Neural Finite-State Machines for Surgical Phase Recognition
Hao Ding, Zhongpai Gao, Benjamin Planche, Tianyu Luan, Abhishek Sharma, Meng Zheng, Ange Lou, Terrence Chen, Mathias Unberath, Ziyan Wu
TL;DR
The paper addresses surgical phase recognition (SPR) by tackling fragmentation and poor long-term temporal coherence. It proposes Neural Finite-State Machines (NFSM), a plug-in module that merges learnable global phase embeddings with dynamic transition tables to impose phase-to-phase structure while leveraging modern neural backbones. Through transition-aware training and inference, NFSM improves temporal consistency and predictive accuracy, achieving state-of-the-art results on benchmarks such as BernBypass70 and demonstrating robustness across architectures. The work highlights NFSM’s adaptability and potential to integrate procedural knowledge into deep learning for more reliable, long-range video analysis in surgical workflows.
Abstract
Surgical phase recognition (SPR) is crucial for applications in workflow optimization, performance evaluation, and real-time intervention guidance. However, current deep learning models often struggle with fragmented predictions, failing to capture the sequential nature of surgical workflows. We propose the Neural Finite-State Machine (NFSM), a novel approach that enforces temporal coherence by integrating classical state-transition priors with modern neural networks.
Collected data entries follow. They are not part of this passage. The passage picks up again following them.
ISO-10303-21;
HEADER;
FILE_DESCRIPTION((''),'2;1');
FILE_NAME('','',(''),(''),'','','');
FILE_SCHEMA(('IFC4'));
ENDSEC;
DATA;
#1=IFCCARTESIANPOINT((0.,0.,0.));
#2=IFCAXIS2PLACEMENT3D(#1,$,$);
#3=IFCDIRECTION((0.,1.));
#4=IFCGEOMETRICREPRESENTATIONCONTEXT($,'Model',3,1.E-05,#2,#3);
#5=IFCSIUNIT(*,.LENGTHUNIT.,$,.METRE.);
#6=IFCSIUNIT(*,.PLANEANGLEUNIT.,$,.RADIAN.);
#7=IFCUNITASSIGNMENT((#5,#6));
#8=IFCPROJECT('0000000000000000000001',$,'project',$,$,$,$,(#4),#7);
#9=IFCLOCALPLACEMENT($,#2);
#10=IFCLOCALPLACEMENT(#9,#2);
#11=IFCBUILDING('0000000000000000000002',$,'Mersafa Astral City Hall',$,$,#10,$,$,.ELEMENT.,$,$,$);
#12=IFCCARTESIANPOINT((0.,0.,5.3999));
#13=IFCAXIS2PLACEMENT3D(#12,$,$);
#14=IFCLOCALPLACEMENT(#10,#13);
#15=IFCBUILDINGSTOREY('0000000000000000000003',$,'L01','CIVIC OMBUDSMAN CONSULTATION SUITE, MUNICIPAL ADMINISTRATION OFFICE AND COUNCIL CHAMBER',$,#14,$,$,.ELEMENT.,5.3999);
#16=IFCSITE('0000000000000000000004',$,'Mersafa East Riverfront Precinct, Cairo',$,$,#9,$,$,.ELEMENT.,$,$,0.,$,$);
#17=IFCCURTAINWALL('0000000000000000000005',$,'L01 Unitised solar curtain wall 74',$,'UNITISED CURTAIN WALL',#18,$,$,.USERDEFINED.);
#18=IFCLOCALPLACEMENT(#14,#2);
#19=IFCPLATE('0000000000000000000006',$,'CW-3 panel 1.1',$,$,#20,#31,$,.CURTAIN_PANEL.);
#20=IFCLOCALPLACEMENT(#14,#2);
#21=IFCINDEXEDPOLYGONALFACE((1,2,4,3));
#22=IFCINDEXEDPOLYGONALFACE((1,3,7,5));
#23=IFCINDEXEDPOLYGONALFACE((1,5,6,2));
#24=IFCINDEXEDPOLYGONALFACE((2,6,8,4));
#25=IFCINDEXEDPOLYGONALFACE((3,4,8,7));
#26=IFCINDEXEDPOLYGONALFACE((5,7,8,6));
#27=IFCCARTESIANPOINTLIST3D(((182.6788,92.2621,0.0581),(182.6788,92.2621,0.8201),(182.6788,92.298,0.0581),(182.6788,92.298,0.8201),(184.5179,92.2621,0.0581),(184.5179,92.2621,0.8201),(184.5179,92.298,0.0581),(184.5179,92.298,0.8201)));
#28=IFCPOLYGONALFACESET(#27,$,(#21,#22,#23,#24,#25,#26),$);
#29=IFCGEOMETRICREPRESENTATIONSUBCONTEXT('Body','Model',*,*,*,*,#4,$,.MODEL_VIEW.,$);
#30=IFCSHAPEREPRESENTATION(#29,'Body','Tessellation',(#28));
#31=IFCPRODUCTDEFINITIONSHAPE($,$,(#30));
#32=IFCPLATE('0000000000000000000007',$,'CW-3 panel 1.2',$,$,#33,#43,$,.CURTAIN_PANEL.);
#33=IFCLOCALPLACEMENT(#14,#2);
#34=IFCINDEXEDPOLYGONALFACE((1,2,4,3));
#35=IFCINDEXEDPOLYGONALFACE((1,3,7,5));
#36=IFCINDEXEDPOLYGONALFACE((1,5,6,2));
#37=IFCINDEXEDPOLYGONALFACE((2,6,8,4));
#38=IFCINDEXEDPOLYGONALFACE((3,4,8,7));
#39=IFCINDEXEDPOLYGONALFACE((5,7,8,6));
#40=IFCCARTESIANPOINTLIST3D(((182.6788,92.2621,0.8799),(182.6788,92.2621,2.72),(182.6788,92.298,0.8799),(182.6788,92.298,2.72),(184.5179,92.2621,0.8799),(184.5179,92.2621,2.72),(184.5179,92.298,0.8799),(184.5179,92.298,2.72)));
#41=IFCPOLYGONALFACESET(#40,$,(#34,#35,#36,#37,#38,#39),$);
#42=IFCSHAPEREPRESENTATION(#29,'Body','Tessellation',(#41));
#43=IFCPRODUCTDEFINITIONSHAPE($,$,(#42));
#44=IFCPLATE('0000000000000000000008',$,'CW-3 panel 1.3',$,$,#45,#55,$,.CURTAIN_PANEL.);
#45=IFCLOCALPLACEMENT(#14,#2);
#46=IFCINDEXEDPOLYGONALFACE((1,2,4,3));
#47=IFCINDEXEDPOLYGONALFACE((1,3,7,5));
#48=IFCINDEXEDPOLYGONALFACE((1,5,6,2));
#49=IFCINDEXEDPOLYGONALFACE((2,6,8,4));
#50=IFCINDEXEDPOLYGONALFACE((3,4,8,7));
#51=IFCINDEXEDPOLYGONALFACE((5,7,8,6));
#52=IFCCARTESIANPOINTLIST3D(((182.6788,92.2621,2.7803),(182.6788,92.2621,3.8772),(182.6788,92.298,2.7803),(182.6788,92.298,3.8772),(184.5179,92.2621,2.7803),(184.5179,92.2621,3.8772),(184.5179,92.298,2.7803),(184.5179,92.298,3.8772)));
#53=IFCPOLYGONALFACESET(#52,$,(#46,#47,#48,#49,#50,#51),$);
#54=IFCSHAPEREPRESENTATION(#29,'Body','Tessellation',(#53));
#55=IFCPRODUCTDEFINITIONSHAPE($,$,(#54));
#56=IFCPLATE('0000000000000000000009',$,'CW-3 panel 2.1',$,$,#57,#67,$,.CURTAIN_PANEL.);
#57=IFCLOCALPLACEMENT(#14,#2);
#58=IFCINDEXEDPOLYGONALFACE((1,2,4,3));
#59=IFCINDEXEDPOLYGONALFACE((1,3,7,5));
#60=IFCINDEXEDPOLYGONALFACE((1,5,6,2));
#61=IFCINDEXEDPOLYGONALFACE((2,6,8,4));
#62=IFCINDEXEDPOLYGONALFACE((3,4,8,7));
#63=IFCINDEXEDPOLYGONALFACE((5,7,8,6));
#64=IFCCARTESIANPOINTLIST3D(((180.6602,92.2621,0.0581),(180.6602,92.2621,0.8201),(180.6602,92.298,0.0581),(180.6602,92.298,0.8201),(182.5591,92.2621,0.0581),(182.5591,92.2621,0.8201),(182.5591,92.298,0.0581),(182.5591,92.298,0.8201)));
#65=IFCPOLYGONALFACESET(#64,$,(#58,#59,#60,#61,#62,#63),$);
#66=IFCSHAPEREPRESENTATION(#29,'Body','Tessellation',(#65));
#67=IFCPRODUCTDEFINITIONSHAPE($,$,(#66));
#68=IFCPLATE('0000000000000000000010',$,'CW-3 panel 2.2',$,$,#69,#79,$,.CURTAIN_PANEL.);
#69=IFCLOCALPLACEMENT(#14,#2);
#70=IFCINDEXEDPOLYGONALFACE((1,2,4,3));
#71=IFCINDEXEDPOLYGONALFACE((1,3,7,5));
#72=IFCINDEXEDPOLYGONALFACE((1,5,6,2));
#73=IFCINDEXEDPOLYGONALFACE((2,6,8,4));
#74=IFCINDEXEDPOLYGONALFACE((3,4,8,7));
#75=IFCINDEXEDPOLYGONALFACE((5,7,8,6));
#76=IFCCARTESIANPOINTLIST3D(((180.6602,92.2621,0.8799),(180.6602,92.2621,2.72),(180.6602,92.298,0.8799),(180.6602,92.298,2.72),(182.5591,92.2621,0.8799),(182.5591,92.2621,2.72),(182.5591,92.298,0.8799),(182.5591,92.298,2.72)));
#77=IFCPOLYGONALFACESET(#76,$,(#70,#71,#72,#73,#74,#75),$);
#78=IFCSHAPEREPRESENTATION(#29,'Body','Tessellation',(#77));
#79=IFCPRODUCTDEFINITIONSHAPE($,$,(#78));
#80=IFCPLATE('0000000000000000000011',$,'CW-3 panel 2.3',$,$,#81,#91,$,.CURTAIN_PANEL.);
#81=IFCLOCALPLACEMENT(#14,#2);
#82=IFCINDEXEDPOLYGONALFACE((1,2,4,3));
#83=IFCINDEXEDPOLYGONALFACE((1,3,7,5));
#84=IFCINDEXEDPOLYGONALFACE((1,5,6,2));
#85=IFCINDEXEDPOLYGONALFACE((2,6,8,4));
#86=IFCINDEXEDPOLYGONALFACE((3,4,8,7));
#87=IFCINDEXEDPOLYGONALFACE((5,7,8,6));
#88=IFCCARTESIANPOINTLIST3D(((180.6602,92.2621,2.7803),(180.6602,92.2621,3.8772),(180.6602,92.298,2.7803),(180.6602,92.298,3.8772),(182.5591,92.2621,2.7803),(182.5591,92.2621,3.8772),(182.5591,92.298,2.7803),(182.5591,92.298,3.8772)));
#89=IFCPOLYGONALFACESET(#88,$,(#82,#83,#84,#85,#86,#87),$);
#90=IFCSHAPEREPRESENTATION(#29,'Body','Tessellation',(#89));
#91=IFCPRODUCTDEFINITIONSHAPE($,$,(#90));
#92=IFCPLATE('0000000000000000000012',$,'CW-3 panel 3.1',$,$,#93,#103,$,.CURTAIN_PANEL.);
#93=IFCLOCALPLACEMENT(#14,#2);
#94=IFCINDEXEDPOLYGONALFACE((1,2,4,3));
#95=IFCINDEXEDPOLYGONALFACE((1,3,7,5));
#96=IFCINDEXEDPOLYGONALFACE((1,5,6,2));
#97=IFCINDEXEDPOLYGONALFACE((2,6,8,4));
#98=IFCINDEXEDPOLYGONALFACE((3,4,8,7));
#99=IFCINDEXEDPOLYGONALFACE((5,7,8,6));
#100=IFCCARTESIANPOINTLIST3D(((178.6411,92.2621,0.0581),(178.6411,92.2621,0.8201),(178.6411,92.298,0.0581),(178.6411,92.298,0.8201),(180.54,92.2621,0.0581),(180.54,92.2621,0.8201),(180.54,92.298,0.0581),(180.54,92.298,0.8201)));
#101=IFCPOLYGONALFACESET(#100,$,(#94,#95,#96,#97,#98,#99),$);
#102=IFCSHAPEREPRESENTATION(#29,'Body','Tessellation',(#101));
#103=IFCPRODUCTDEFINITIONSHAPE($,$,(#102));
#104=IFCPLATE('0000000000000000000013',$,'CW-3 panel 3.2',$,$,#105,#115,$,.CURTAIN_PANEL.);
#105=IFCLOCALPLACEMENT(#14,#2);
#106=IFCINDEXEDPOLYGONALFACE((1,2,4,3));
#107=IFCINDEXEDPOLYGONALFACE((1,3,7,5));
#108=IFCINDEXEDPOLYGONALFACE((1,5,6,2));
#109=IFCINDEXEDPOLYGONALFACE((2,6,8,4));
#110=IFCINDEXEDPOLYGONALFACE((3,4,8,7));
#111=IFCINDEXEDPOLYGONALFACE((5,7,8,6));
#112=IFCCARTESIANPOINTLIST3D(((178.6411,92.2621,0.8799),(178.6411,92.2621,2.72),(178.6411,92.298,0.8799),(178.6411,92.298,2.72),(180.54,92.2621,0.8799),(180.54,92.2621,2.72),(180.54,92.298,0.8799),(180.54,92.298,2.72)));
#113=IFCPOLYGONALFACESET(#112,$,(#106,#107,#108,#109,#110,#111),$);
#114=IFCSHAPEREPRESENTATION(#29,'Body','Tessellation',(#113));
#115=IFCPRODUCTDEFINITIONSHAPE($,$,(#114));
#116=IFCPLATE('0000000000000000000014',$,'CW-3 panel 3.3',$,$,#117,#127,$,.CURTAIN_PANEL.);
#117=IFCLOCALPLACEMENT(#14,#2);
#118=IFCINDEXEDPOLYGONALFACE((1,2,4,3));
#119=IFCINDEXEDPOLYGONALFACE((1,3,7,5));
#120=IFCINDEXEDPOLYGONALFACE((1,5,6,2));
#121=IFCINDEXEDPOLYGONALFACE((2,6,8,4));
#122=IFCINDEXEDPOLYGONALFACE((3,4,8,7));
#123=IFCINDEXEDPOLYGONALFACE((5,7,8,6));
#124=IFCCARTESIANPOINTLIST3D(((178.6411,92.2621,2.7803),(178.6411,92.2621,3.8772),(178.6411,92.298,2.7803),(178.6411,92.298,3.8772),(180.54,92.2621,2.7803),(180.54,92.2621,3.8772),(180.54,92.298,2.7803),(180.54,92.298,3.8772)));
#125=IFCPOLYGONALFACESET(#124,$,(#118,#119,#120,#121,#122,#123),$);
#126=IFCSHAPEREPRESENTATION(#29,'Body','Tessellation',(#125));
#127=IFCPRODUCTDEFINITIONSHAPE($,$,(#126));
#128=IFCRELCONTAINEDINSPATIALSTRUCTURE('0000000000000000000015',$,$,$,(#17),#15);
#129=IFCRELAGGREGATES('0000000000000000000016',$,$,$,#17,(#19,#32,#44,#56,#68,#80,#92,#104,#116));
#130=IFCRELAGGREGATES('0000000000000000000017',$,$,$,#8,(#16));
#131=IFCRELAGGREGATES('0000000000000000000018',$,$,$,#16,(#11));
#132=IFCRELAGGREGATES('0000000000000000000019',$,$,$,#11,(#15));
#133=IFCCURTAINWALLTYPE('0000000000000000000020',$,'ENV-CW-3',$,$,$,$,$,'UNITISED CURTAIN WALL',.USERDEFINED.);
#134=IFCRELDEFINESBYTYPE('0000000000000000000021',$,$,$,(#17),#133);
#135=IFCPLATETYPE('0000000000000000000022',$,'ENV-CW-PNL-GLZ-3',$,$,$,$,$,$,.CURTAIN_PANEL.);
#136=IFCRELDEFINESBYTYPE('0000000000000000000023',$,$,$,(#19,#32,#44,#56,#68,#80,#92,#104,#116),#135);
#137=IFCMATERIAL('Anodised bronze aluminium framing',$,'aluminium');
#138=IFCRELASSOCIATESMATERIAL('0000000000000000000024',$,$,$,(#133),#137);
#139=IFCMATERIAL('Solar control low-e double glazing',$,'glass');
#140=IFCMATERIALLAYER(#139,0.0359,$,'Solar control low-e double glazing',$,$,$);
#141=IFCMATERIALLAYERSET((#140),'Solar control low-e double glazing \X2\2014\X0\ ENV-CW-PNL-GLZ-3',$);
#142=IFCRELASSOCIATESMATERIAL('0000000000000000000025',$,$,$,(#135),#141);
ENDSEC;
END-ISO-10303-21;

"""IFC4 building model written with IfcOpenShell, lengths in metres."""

from ifc_helpers import new_model, si_unit, direction, frame, origin, origin_2d, place, context, subcontext, project, spatial, rectangle, extrude, material, layer, layer_set, type_object, element, aggregate, save


model = new_model("IFC4")

# Units and contexts
model_context = context("Model", 3, precision=1e-05, world=origin(), true_north=direction((0.0, 1.0)))
body_context = subcontext(model_context, "Body", "Model", "MODEL_VIEW")
ifc_project = project(units=[si_unit("LENGTHUNIT", "METRE"), si_unit("PLANEANGLEUNIT", "RADIAN")], contexts=[model_context])

# Site, building, storey
site_placement = place(None, origin())
site = spatial("IfcSite", under=ifc_project, at=site_placement, Name="Mersafa East Riverfront Precinct, Cairo", CompositionType="ELEMENT", RefElevation=0.0)
building_placement = place(site_placement, origin())
building = spatial("IfcBuilding", under=site, at=building_placement, Name="Mersafa Astral City Hall", CompositionType="ELEMENT")
storey_placement = place(building_placement, frame((0.0, 0.0, 5.3999)))
storey = spatial("IfcBuildingStorey", under=building, at=storey_placement, Name="L01", Description="CIVIC OMBUDSMAN CONSULTATION SUITE, MUNICIPAL ADMINISTRATION OFFICE AND COUNCIL CHAMBER", CompositionType="ELEMENT", Elevation=5.3999)

# Curtain wall, plates
ifc_material_1 = material(Name="Anodised bronze aluminium framing", Category="aluminium")
curtain_wall_type = type_object("IfcCurtainWallType", Name="ENV-CW-3", ElementType="UNITISED CURTAIN WALL", PredefinedType="USERDEFINED", material=ifc_material_1)
curtain_wall_placement = place(storey_placement, origin())
curtain_wall = element("IfcCurtainWall", 1, at=curtain_wall_placement, inside=storey, type_object=curtain_wall_type, Name="L01 Unitised solar curtain wall 74", ObjectType="UNITISED CURTAIN WALL", PredefinedType="USERDEFINED")
ifc_material_2 = material(Name="Solar control low-e double glazing", Category="glass")
ifc_layer = layer(ifc_material_2, 0.0359, Name="Solar control low-e double glazing")
ifc_layer_set = layer_set([ifc_layer], Name="Solar control low-e double glazing — ENV-CW-PNL-GLZ-3")
plate_type = type_object("IfcPlateType", Name="ENV-CW-PNL-GLZ-3", PredefinedType="CURTAIN_PANEL", material=ifc_layer_set)
plate_1_placement = place(storey_placement, frame((183.5984, 92.28, 0.0581), z_axis=(0.0, 0.0, 1.0), x_axis=(-1.0, 0.0, 0.0)))
plate_1 = element("IfcPlate", 2, at=plate_1_placement, type_object=plate_type, Name="CW-3 panel 1.1", PredefinedType="CURTAIN_PANEL", context=body_context, shape_type="SweptSolid", body=[
    extrude(rectangle(XDim=1.8391, YDim=0.0359, at=origin_2d()), origin(), (0.0, 0.0, 1.0), 0.762),
])
plate_2_placement = place(storey_placement, frame((183.5984, 92.28, 0.8799), z_axis=(0.0, 0.0, 1.0), x_axis=(-1.0, 0.0, 0.0)))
NFSM leverages learnable global state embeddings as unique phase identifiers and dynamic transition tables to model phase-to-phase progressions. Additionally, a future phase forecasting mechanism employs repeated frame padding to anticipate upcoming transitions. Implemented as a plug-and-play module, NFSM can be integrated into existing SPR pipelines without changing their core architectures. We demonstrate state-of-the-art performance across multiple benchmarks, including a significant improvement on the BernBypass70 dataset - raising video-level accuracy by 0.9 points and phase-level precision, recall, F1-score, and mAP by 3.8, 3.1, 3.3, and 4.1, respectively. Ablation studies confirm each component's effectiveness and the module's adaptability to various architectures. By unifying finite-state principles with deep learning, NFSM offers a robust path toward consistent, long-term surgical video analysis.